Entry and renewal age
Most insurers offer health insurance plans with entry age of 60-80 years and a few have no entry age for these plans. Go with those plans where no entry age restrictions are there. Purchase those plans where the long-life renewability features are offered by your insurer as this varies from insurer to insurer.
Waiting period
A waiting period in a health plan is applicable to specific diseases. It usually lasts up to two to four years. Look for medical insurance with the least waiting duration and fewer number of diseases under the waiting period.
Co-payment
A co-payment clause simply means that a percentage of the hospital expenses is borne by the insured person whenever a claim comes. The co-pay is pre-decided at the time of buying the policy, could be 20-50% of the amount of the approved claim. Go for purchase those plans that have no co-payment or least co-payment.
Deductibles
The deductible is the amount you pay yourself before the policy begins to pay benefits. To reduce the premium, one can opt for deductibles instead of co-pay. Deductibles are better than co-pay since the former is a fixed amount while co-payment is a percentage of the total claim.
Exclusions
Many medical insurance policies for senior citizens come with exclusion of medical conditions or healthcare expenses that are not covered by your health plan.

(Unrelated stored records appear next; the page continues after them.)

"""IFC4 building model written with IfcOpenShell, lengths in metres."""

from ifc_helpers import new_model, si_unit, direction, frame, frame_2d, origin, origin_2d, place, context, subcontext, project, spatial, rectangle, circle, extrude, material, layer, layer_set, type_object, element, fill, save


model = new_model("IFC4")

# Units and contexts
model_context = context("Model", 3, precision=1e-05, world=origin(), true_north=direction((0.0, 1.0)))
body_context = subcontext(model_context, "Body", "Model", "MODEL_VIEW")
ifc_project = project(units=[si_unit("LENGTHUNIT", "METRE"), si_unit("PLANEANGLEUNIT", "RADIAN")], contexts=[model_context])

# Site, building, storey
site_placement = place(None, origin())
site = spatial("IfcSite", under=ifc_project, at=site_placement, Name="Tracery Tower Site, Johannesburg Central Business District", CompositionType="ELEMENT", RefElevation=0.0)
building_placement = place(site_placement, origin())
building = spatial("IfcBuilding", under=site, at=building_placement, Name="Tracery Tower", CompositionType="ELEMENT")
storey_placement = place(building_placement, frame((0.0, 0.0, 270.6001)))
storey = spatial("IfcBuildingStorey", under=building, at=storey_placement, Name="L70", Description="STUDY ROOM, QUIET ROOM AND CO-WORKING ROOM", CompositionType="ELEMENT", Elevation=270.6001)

Read the fine print of the policy to understand which diseases are excluded from the policy. Go for the policy which has no or the minimum number of exclusions.
Limit/sub-limits
A sub-limit is a cap on how much a policyholder can claim for a particular expense/procedure. Several senior citizen mediclaim policies come with sub-limits. For example, sub-limit per day for room rent and ICU like 1% of SI per day and other limits like cataract surgery, knee-cap surgery, kidney dialysis, etc. Check what are the procedures/treatments that have sub-limits. Compare premium amount versus the benefits offered.
Restoration benefit
With senior citizens, there are chances of multiple hospitalisations in a year. The restoration feature reinstates the entire sum insured in case it gets exhausted during a policy year. Some insurers offer it after you completely exhaust the sum insured while others offer it after partial exhaustion. For example, if you have exhausted the base sum insured of `5 lakh in the first claim, you will still be eligible for `5 lakh in the second claim in the same year.
Medical check-ups
With some insurers, medical check-ups are mandatory. The insurers ask the proposed insured to fill a questionnaire before the policy proposal is accepted or rejected. The underwriters decide whether medical tests are needed based on these declarations. The cost of such medical examinations may not be fully borne by insurers.

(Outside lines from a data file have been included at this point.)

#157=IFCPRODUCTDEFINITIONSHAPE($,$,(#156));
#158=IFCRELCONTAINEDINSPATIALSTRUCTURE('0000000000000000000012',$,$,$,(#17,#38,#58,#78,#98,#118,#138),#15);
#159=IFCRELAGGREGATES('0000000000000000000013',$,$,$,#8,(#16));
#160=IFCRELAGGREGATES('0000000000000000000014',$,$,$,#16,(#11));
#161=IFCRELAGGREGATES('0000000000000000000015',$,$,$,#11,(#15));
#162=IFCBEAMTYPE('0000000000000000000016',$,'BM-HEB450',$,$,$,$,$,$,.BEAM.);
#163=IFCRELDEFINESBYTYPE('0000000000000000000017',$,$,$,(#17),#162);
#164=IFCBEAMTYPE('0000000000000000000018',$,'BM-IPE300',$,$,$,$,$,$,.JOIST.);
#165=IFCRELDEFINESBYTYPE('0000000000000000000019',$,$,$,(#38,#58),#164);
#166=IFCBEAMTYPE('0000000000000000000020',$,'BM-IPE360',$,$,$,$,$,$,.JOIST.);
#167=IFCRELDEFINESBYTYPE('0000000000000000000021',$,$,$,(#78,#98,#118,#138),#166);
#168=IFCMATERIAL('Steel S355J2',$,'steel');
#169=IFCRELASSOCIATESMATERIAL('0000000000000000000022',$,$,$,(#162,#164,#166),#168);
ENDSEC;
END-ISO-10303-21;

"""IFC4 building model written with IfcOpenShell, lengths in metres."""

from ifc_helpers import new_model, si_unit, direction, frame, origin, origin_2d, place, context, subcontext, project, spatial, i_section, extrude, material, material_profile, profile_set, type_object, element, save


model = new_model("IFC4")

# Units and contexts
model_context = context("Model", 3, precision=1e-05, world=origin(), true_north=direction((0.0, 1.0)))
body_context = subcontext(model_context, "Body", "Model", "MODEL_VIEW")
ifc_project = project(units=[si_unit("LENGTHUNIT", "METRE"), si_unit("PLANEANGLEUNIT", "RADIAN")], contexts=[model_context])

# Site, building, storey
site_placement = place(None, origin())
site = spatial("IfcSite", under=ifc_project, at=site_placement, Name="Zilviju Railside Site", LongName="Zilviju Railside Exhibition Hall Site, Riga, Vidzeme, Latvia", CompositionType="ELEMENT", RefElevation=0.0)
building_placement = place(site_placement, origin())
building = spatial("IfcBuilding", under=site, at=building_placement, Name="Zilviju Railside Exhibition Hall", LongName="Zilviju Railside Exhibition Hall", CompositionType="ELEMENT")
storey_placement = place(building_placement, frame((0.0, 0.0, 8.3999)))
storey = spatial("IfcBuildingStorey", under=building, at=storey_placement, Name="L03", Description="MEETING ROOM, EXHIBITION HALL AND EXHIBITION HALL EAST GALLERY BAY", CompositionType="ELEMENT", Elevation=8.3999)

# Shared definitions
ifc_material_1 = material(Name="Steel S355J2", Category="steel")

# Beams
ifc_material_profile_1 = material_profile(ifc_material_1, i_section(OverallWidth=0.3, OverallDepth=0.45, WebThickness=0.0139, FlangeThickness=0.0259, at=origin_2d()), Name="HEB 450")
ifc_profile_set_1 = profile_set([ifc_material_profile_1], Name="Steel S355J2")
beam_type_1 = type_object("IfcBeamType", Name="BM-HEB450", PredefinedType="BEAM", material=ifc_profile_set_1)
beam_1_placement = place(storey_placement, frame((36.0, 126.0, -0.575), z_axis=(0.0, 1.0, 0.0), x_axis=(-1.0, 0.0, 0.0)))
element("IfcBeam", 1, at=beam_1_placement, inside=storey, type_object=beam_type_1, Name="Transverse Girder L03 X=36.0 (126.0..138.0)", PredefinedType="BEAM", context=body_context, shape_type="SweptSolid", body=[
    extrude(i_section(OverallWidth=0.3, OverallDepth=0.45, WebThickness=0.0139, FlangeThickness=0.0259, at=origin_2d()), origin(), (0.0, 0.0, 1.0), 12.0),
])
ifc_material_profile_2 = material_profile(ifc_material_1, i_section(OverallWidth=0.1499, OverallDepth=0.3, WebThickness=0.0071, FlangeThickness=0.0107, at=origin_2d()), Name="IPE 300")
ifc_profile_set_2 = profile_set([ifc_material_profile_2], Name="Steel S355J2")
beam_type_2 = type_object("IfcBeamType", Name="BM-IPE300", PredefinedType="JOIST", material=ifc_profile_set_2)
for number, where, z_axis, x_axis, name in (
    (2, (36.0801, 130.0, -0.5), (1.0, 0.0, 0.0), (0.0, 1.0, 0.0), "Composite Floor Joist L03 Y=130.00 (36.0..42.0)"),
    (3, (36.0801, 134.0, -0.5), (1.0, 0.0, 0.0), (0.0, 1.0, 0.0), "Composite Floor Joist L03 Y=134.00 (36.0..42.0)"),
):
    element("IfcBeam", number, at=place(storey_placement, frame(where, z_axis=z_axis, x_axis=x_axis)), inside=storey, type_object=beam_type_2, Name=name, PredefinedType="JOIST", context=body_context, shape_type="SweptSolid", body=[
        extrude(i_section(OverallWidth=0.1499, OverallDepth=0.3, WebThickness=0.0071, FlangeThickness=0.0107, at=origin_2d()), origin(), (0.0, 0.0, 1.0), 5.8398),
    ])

Limitations on pre and post-hospitalisation expenses
This is the reimbursement of any expenses incurred by the policyholder before hospitalisation and after being discharged from the hospital. Typically, the pre-hospitalisation eligibility is 30-45 days and for post-hospitalisation is 60 -90 days. However, for many health insurances for senior citizens, the pre and post-hospitalisation period is less.
Number of day-care claims
Some procedures can be completed in less than 24 hours at a hospital and require no hospitalisation. Though most health insurance for senior citizens does cover day-care facilities, some plans restrict that number. Before buying any health plan, know the number of day-care facilities available under the policy.